Friday, September 12, 2008

September 11th

I have a lot of bad dreams, but I had a very bad dream about a week ago. I was flying in a plane, and I had a layover in the midwest somewhere. I could see out of the front of the cockpit for some reason, and as we come in for landing, I realize we are going in pretty steeply. In my dream, I begin to understand we're going to crash, and I begin to pray that somehow we make it through. I also start concentrating very hard, hoping that if I focus enough, and if I do die, I will find out what it's like to die, and what happens after death. So, in my dream, I'm concentrating really hard, and I start to get very warm, and I continue to get warm and continue concentrating until I wake up, where I am sweating and startled, but lying in my bed.

So that night I didn't go back to sleep that easily. In fact, I lay awake for a long time, thinking and worrying.

Today, on the 7th anniversary of September 11th, there was discussion of "where were you" and "what were you thinking." They showed the memorials on the news, and the bagpipes were playing Amazing Grace. I teared up, as I do every time I hear that song, since it was my dad's favorite. When it came to the last memorial service, that of Flight 93, I got to thinking again. Those people knew the intentions of the terrorists on their plane, and they were brave enough to bring themselves to certain death in order to save the lives of others. Could I do that? How would you feel, looking out the window, knowing you will die in just a few short seconds? I am so afraid of death that I honestly don't even want to contemplate that further.

It ties to a thought I have about death. I've realized, in thinking about death since my dad's illness, that I wouldn't want to know that I have a certain amount of time left. I guess now I know part of what scares me about death is simply facing it. I'm not quite sure how to fix that. I better stop writing about all this now, or I won't be able to sleep tonight.

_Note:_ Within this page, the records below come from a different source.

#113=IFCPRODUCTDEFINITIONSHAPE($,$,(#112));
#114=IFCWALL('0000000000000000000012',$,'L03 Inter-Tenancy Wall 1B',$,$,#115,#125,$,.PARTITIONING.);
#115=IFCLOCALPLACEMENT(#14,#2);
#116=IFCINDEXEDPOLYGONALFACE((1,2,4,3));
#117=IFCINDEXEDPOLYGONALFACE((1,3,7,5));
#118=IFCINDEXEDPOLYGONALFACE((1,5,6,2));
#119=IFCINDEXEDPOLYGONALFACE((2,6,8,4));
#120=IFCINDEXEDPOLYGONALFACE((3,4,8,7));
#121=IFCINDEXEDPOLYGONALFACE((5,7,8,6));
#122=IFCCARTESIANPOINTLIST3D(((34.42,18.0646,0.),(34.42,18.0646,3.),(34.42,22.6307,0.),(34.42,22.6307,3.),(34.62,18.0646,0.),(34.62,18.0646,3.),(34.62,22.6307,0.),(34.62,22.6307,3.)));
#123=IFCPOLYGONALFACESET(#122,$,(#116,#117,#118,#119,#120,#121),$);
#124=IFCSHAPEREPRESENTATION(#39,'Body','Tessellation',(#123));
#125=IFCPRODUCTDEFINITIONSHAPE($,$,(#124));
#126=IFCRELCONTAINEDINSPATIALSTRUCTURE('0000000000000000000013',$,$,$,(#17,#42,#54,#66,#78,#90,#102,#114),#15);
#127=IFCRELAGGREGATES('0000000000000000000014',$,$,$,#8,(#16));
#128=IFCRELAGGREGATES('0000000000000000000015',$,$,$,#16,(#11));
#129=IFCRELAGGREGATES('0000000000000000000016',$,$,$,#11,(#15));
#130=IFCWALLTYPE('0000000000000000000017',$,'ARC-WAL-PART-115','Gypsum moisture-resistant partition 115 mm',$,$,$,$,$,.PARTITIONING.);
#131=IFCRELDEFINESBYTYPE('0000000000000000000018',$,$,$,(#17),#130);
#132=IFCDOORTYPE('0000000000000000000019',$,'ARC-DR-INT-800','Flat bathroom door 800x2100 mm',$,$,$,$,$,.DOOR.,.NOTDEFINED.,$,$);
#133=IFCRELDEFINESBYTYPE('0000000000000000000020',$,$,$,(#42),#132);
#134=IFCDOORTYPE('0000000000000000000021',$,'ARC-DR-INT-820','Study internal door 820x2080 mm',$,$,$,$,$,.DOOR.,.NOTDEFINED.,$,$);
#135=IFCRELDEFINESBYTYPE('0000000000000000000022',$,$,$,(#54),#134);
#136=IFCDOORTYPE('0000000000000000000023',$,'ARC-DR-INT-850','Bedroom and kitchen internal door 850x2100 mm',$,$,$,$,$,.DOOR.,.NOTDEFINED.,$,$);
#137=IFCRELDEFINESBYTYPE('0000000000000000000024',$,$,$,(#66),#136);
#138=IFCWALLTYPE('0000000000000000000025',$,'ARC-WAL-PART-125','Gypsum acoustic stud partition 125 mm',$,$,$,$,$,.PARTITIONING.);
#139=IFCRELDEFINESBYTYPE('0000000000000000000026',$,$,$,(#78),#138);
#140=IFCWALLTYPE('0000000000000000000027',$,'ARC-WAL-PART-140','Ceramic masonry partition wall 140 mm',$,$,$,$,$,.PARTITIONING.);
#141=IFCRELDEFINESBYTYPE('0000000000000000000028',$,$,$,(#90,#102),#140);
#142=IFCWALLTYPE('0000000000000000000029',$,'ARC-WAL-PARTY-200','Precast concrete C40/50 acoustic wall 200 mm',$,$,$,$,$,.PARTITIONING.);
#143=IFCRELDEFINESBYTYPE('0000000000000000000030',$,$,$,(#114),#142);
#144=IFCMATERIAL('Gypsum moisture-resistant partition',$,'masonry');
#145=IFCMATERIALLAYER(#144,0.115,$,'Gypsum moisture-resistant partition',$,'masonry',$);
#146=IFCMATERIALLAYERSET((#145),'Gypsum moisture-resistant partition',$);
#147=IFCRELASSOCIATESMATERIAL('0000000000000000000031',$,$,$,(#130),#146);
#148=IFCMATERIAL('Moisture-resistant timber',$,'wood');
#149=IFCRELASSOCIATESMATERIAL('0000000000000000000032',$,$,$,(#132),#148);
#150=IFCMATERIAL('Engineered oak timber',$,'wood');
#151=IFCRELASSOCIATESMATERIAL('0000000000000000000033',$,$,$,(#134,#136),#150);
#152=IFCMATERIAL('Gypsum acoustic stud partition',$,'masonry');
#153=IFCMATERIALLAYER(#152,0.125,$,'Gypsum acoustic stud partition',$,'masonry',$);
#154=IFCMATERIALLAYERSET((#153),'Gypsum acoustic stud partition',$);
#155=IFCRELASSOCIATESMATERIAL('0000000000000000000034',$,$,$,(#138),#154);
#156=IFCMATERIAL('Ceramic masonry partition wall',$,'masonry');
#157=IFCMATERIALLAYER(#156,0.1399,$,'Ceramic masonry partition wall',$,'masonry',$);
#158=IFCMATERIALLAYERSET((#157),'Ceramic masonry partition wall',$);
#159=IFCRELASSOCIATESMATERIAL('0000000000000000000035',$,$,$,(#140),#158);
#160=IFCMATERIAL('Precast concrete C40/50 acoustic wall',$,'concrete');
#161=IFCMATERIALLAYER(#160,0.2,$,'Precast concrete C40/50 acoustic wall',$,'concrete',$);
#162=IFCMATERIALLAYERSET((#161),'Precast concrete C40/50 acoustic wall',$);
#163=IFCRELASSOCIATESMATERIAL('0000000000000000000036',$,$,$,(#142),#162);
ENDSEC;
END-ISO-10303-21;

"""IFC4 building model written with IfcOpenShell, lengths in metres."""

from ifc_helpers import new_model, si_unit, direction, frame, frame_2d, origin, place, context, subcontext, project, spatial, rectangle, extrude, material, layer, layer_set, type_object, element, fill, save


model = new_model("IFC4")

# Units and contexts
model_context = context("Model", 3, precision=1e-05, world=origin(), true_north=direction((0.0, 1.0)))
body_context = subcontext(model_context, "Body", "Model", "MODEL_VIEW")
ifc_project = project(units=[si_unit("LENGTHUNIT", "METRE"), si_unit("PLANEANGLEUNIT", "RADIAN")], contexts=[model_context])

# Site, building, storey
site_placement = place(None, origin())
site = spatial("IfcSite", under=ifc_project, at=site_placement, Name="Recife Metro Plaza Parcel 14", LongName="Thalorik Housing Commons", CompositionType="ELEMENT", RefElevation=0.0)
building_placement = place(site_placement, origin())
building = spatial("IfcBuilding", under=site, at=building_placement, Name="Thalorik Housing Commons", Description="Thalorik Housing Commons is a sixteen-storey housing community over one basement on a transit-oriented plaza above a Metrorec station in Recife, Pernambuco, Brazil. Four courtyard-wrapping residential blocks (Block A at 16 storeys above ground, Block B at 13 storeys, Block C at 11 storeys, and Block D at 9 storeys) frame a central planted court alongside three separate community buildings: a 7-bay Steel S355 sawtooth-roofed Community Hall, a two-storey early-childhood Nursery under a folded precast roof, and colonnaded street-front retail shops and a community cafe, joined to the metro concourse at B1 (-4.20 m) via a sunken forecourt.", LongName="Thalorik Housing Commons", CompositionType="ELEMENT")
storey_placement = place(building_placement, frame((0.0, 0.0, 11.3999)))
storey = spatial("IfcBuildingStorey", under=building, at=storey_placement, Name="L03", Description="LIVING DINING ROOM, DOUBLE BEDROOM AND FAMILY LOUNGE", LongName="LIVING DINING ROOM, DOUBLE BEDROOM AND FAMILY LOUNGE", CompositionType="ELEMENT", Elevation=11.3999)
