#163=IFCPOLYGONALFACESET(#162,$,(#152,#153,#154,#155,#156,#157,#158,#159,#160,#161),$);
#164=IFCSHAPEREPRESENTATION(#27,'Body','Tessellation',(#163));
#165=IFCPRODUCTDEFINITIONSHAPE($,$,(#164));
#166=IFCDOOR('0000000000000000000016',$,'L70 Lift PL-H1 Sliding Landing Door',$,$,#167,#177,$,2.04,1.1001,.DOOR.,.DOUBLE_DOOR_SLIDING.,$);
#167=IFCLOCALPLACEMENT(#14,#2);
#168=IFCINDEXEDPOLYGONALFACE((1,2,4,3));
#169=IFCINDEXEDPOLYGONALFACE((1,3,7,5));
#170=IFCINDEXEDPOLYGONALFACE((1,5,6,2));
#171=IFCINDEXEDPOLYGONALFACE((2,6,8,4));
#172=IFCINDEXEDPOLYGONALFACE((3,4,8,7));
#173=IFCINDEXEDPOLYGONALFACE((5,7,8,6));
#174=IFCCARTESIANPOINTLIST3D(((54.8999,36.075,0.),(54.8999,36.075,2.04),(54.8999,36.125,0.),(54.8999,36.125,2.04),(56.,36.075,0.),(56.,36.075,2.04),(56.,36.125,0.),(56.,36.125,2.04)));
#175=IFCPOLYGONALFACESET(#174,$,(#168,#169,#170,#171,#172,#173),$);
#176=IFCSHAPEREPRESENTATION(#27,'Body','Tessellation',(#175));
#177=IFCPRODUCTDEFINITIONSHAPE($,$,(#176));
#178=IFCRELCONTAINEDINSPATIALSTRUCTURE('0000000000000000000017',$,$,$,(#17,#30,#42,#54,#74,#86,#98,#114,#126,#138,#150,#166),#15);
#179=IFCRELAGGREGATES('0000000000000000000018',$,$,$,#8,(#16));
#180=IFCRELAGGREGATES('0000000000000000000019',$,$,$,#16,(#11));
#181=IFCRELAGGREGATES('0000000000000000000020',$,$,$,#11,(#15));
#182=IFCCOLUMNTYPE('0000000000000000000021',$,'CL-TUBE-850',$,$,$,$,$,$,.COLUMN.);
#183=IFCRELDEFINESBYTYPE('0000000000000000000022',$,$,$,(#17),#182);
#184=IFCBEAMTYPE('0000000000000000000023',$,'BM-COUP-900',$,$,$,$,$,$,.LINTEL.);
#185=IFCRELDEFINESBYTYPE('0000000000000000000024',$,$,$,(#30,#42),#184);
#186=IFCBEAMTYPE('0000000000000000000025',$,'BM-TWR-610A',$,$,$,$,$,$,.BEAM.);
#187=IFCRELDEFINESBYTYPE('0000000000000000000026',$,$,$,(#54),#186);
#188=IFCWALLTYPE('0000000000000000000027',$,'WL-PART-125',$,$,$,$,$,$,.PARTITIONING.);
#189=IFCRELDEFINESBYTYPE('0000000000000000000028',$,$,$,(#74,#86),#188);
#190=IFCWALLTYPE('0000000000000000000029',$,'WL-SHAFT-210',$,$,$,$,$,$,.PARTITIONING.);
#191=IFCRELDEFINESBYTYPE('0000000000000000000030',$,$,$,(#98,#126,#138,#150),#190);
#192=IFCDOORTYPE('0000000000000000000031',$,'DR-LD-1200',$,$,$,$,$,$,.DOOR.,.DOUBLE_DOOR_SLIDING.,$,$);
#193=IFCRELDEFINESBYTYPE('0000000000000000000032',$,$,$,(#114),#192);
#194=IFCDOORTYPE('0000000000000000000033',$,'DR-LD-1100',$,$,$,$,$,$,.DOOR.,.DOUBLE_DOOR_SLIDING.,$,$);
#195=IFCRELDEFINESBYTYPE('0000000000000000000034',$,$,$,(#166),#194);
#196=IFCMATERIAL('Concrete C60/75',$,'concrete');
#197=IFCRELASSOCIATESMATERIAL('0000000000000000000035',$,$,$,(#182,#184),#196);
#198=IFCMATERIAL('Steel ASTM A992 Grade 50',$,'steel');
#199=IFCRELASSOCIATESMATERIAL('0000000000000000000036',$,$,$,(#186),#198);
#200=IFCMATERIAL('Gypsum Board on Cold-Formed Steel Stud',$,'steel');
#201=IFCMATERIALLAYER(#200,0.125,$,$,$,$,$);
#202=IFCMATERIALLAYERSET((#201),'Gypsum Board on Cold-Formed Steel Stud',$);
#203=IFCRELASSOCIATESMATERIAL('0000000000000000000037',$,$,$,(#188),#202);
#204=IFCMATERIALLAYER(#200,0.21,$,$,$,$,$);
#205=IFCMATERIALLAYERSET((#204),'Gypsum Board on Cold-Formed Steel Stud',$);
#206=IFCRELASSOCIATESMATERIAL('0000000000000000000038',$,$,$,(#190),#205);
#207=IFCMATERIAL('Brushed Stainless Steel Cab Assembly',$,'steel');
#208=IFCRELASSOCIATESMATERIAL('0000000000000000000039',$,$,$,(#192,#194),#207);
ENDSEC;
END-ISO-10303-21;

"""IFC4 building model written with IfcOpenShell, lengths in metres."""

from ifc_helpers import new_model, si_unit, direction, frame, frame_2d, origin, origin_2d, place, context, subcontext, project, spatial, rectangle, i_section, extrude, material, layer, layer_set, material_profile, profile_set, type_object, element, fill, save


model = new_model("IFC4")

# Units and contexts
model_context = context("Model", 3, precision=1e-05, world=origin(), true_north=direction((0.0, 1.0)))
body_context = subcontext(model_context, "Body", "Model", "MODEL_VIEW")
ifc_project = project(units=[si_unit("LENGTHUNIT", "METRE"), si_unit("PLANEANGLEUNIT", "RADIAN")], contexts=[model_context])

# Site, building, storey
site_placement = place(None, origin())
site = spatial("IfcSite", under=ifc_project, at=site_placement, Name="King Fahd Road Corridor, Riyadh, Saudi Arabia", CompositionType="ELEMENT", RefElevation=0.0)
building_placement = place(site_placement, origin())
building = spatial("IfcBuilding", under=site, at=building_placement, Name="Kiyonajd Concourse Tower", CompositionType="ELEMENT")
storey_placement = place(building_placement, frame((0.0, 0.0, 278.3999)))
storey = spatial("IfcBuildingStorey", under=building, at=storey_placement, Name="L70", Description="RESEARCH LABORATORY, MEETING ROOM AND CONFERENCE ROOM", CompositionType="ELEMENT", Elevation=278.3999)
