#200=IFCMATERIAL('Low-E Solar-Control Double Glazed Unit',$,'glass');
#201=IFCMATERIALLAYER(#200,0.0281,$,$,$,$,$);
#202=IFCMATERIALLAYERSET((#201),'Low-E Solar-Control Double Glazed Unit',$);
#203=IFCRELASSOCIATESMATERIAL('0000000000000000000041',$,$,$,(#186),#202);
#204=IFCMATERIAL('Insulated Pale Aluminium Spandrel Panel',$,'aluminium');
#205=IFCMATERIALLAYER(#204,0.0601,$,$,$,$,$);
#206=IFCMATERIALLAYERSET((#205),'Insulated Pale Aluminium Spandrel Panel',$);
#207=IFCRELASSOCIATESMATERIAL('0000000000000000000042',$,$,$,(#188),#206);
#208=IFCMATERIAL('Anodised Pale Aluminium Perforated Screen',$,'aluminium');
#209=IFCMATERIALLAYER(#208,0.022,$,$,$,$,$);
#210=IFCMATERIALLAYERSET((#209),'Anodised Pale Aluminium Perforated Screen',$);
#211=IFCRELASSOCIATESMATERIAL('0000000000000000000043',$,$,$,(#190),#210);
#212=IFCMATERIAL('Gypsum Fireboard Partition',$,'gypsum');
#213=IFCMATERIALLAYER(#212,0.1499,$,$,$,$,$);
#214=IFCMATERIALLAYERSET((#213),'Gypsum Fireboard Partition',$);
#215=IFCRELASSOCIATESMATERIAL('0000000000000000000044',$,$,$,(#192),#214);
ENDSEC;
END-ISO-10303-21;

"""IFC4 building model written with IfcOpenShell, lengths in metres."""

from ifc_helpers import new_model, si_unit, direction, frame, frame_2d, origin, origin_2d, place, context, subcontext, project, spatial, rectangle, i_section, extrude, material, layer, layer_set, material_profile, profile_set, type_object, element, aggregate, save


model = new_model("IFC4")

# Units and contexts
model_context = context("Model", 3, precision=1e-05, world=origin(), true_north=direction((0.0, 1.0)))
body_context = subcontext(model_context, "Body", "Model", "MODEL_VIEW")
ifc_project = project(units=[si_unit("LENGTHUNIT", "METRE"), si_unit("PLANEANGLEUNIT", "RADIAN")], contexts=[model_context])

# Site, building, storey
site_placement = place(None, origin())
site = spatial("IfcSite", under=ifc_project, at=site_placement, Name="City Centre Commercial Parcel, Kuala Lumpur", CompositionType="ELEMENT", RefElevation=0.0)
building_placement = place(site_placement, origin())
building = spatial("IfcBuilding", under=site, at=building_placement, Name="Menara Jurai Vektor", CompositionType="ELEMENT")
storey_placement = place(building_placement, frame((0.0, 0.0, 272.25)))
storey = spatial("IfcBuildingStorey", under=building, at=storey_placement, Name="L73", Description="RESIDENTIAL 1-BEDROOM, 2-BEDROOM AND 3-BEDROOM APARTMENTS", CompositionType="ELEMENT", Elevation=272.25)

Thursday, September 04, 2008

Rationale and Apathy

Well, there were a number of responses outside of my blog to the last post. As to reasons why I attract players, some reasons include:
- I have an aura of confidence
- I have boobs
- I am a female
- I am not afraid to flirt and have fun
- I meet people at parties, and apparently players go to parties! (Well, the continuation is that I'm attracted to other outgoing people, and those people tend to be players.)

That is a lot of stereotyping of players, but I guess it could be true. I did learn a lot, and I promise you nice guys, you won't always finish last.

On a total change of subject, I feel very apathetic, and I can't place why I feel that way. It's like I should love my life and my job and be happy, but I'm not. Sometimes I say that I am, but deep down inside, something is off. I keep trying to shake it, but it won't leave me alone. I just keep chugging and keep hoping this shadow will disappear.